Finding new borrowers can be time-consuming and expensive. A general rule of thumb is that the costs of wooing new customers are six to seven times more than the costs of retaining existing ones, according to social marketing firm Flowtown.

4 Steps to Retain Borrowers

In today’s competitive lending market, you risk losing borrowers to more assertive lenders who promise lower interest rates, higher credit lines and faster closing dates. High customer turnover also can make you look bad to senior bank executives. So, protect your portfolio by taking these four easy steps:

1. Approach borrowers first

Don’t wait for customers to ask you about refinancing options or more borrowing opportunities. Interest rates are at all-time lows. And there’s ample credit supply for customers with strong credit scores. If they haven’t done so already, proactive borrowers are likely to seek greener pastures.

Don’t let a competitor beat you to the punch. Review your customers’ financial statements. Look for those with high growth, strong credit and high interest rates. These are your best prospects for refinancing or add-ons. The borrower might not even bother looking into what your competitors are offering — if you contact them first, maintain a long-term relationship and make a fair offer.

2. Be approachable and responsive

Keep in touch with your customers regularly. Visit them. Take them out to lunch. Ask for a plant tour. Above all, return their calls and process paperwork promptly. Among the top frustrations borrowers experience when refinancing or applying for credit line increases is the excessive time it takes for lenders to process the paperwork.

One borrower switched banks because the application with its existing lender was delayed for a month over a missing 2011 tax return. A simple phone call could have remedied the omission and possibly retained the customer. Instead, the application sat in a junior lender’s inbox — and another bank got the borrower’s business.

Seek honest feedback from your customers. Be sure to talk to all the decision makers in the business. Sometimes the CFO will be your best contact rather than the owner. Survey what they like and dislike about your bank.
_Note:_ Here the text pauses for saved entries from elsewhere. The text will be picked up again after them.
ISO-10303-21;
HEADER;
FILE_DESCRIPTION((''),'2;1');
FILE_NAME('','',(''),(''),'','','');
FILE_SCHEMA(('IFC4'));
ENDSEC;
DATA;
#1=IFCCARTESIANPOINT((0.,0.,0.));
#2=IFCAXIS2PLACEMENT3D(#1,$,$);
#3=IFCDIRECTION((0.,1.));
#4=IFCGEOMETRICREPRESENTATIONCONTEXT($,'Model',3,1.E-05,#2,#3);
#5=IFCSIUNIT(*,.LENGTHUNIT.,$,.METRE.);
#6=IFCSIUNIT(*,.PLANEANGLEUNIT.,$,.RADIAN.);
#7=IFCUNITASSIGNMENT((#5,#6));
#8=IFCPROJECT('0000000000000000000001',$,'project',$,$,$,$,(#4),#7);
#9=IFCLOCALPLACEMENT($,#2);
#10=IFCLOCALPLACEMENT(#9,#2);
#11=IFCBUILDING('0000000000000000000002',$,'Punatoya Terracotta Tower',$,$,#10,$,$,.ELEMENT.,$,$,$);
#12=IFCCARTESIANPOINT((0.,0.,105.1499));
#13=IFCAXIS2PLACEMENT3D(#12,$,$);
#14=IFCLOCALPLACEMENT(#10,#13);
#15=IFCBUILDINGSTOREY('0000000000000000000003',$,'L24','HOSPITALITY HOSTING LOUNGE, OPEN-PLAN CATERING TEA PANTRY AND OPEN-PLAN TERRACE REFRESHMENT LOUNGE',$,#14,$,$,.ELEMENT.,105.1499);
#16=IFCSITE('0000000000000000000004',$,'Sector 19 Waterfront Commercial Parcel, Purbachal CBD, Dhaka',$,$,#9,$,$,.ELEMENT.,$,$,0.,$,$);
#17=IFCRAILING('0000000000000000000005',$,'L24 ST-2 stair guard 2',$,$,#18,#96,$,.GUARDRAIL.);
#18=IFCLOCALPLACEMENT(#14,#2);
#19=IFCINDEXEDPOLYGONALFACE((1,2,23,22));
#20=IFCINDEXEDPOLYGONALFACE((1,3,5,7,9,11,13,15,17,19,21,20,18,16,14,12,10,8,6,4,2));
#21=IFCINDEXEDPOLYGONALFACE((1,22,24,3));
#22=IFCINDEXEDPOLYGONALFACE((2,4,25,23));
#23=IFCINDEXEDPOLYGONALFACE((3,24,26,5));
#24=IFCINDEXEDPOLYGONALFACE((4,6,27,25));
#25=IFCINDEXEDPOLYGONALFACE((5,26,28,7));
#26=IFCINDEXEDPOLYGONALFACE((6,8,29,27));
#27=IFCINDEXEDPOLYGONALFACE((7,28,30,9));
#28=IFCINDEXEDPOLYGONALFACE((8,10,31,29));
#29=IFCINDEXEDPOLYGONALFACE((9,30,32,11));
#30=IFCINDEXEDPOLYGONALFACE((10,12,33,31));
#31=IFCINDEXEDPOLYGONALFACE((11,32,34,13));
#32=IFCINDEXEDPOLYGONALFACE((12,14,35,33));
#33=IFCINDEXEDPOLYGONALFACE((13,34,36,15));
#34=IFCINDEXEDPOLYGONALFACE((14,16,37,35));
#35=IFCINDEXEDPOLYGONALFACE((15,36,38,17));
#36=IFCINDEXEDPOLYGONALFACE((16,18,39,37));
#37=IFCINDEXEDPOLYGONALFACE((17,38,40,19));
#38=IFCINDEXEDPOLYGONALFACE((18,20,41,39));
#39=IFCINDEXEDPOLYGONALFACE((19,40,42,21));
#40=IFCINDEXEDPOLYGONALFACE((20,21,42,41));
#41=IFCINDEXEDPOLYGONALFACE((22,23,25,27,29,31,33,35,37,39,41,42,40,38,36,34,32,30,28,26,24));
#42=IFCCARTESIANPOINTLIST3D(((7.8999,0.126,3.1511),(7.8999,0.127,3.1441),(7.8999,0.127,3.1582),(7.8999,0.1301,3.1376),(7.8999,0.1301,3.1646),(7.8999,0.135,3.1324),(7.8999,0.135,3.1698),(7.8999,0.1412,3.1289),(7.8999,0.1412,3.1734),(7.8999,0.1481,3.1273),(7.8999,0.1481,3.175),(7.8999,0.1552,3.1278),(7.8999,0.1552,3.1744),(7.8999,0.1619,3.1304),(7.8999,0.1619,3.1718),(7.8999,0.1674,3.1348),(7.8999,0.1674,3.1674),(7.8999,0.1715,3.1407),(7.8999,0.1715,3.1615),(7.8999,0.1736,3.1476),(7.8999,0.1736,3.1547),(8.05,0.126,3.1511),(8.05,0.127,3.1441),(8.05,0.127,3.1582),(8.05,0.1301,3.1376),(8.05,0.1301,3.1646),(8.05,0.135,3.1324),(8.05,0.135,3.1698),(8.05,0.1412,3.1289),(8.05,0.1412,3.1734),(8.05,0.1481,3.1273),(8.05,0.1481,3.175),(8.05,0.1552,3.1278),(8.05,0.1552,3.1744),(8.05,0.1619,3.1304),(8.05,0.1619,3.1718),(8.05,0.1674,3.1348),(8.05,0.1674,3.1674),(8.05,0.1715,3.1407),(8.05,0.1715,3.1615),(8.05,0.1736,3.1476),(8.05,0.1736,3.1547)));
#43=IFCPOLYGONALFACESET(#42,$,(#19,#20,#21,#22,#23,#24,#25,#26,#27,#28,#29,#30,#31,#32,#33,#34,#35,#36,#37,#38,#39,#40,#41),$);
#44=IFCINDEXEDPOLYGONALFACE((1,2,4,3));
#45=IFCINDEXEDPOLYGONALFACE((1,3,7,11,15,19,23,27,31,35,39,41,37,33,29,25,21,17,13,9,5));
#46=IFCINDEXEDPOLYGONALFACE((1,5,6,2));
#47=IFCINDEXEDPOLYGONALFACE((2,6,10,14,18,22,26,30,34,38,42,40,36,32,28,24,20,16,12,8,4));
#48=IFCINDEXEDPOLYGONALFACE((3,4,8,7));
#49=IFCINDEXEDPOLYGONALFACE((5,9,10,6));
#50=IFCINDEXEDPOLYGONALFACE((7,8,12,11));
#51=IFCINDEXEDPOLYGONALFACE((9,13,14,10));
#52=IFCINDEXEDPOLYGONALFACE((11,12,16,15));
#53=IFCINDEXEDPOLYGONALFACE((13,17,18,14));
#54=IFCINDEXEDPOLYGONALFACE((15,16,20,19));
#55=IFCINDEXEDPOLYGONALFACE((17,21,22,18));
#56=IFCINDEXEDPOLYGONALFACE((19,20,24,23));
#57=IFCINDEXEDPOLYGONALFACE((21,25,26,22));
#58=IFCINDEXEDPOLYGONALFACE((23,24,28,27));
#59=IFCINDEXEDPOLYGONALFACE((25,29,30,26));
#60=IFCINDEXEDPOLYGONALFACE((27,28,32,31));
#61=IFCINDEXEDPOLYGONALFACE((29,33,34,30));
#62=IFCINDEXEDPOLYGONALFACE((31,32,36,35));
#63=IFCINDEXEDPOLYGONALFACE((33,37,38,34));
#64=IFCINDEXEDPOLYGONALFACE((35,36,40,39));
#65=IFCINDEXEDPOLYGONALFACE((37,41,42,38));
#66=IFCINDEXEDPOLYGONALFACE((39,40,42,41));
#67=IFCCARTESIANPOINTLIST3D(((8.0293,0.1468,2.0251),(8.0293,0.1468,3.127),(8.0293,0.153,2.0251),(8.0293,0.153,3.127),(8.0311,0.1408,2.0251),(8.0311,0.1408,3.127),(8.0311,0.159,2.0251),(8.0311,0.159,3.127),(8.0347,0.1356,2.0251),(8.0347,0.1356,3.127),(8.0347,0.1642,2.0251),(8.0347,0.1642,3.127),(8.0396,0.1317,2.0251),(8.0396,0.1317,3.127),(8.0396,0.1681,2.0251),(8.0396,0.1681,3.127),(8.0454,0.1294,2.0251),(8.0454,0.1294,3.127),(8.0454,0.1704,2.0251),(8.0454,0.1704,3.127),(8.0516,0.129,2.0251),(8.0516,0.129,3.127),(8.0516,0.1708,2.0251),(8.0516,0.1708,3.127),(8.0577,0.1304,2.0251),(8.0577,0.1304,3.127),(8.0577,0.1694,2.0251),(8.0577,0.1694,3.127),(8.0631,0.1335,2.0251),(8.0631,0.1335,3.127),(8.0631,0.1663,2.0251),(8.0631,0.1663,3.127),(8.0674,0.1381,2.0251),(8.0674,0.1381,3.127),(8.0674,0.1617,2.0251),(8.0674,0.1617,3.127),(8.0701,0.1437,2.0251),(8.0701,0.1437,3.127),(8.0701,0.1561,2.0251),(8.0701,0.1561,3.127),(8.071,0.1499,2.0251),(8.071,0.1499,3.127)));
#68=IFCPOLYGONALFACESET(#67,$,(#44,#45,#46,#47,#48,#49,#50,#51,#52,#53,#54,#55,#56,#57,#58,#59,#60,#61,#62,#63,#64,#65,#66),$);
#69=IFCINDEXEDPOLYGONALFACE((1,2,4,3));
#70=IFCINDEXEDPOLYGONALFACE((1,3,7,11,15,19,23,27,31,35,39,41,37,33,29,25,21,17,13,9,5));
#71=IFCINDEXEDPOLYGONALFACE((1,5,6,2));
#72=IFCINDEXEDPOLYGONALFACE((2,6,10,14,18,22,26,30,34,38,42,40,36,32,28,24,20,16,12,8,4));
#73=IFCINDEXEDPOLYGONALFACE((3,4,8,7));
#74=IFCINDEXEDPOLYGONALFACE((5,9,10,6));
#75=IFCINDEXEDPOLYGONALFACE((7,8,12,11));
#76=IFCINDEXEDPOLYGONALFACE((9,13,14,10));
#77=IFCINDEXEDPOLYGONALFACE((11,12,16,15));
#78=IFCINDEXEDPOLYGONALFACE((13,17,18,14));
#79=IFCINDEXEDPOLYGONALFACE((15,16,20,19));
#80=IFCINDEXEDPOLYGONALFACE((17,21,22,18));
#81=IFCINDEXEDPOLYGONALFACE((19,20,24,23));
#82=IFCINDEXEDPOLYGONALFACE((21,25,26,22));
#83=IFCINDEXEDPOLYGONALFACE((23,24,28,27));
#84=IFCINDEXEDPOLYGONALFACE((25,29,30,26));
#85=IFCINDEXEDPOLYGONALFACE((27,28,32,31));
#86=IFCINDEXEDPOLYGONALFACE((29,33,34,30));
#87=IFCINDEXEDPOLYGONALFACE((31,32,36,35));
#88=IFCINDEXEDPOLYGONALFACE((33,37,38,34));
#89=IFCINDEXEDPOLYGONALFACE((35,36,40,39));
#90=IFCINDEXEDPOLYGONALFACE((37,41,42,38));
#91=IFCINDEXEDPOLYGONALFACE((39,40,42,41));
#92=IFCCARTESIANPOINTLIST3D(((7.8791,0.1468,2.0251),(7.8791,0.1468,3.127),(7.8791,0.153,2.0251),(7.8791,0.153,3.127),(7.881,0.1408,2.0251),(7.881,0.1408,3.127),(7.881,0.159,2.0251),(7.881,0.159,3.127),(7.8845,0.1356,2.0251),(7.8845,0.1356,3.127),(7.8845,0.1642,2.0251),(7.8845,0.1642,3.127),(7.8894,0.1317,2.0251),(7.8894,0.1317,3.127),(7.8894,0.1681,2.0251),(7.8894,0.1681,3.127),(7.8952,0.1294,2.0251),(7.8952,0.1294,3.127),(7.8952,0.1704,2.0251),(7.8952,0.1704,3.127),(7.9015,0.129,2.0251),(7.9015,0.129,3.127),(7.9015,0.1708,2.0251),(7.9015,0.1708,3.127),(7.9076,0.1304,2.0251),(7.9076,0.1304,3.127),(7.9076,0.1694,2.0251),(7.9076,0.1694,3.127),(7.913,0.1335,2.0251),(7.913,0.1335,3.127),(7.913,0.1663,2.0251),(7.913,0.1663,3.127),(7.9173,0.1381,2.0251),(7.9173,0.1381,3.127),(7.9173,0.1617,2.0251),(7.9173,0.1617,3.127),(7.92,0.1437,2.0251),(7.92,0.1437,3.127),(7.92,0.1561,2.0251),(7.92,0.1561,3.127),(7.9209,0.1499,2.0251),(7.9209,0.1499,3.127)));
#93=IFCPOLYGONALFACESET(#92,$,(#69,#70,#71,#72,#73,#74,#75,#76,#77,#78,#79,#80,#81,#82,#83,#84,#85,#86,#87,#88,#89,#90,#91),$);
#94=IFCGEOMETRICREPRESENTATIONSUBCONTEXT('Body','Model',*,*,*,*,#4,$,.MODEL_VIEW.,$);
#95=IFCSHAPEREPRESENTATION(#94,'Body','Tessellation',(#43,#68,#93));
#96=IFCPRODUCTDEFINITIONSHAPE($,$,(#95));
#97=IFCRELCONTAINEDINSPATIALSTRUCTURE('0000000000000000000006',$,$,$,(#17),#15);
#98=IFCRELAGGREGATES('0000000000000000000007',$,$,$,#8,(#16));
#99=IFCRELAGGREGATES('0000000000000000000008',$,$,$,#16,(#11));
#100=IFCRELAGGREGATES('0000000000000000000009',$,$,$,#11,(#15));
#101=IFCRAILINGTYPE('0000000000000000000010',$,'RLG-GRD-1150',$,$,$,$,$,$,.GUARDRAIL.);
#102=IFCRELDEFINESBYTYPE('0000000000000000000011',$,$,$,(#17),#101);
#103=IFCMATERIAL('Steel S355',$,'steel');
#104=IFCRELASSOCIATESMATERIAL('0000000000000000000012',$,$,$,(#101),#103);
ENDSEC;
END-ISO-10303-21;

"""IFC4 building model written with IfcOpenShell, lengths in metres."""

from ifc_helpers import new_model, si_unit, direction, frame, origin, origin_2d, place, context, subcontext, project, spatial, circle, extrude, material, type_object, element, save


model = new_model("IFC4")

# Units and contexts
model_context = context("Model", 3, precision=1e-05, world=origin(), true_north=direction((0.0, 1.0)))
body_context = subcontext(model_context, "Body", "Model", "MODEL_VIEW")
ifc_project = project(units=[si_unit("LENGTHUNIT", "METRE"), si_unit("PLANEANGLEUNIT", "RADIAN")], contexts=[model_context])

# Site, building, storey
site_placement = place(None, origin())
site = spatial("IfcSite", under=ifc_project, at=site_placement, Name="Sector 19 Waterfront Commercial Parcel, Purbachal CBD, Dhaka", CompositionType="ELEMENT", RefElevation=0.0)
building_placement = place(site_placement, origin())
building = spatial("IfcBuilding", under=site, at=building_placement, Name="Punatoya Terracotta Tower", CompositionType="ELEMENT")
storey_placement = place(building_placement, frame((0.0, 0.0, 105.1499)))
storey = spatial("IfcBuildingStorey", under=building, at=storey_placement, Name="L24", Description="HOSPITALITY HOSTING LOUNGE, OPEN-PLAN CATERING TEA PANTRY AND OPEN-PLAN TERRACE REFRESHMENT LOUNGE", CompositionType="ELEMENT", Elevation=105.1499)

# Shared definitions
ifc_material_1 = material(Name="Steel S355", Category="steel")

# Railing
railing_type_1 = type_object("IfcRailingType", Name="RLG-GRD-1150", PredefinedType="GUARDRAIL", material=ifc_material_1)
railing_1_placement = place(storey_placement, frame((8.05, 0.1499, 2.0251)))
element("IfcRailing", 1, at=railing_1_placement, inside=storey, type_object=railing_type_1, Name="L24 ST-2 stair guard 2", PredefinedType="GUARDRAIL", context=body_context, shape_type="SweptSolid", body=[
    extrude(circle(Radius=0.0239, at=origin_2d()), frame((0.0, 0.0, 1.126), z_axis=(-1.0, 0.0, 0.0), x_axis=(0.0, -1.0, 0.0)), (0.0, 0.0, 1.0), 0.1501),
    extrude(circle(Radius=0.021, at=origin_2d()), origin(), (0.0, 0.0, 1.0), 1.1018),
    extrude(circle(Radius=0.021, at=origin_2d()), frame((-0.1501, 0.0, 0.0)), (0.0, 0.0, 1.0), 1.1018),
])

save(model, "model.ifc")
3. Become a referral source

Sometimes it’s not what you know but whom you know that counts. The best way for any professional services provider to beget customer loyalty is to become a referral source for value-added services. Strive to be the go-to person in your business community. Encourage borrowers to come to you for legal, accounting or even advertising referrals. Also forward borrowers relevant trade journal articles or e-mails.

Networking evolves lenders from pesky outsiders to members of the customer’s “team.” This keeps you in the loop when they face key changes and makes you irreplaceable. Plus, happy, loyal borrowers are more likely to return the favor and refer business back to you.

4. Make borrowers feel special

Don’t make the mistake of treating new and old applicants the same, requiring them to jump through identical hoops. A long-standing business relationship and a handshake should mean something in today’s business world. If a borrower has a proven track record of timely debt service and a strong credit score, streamline the refinance and application processes as much as possible.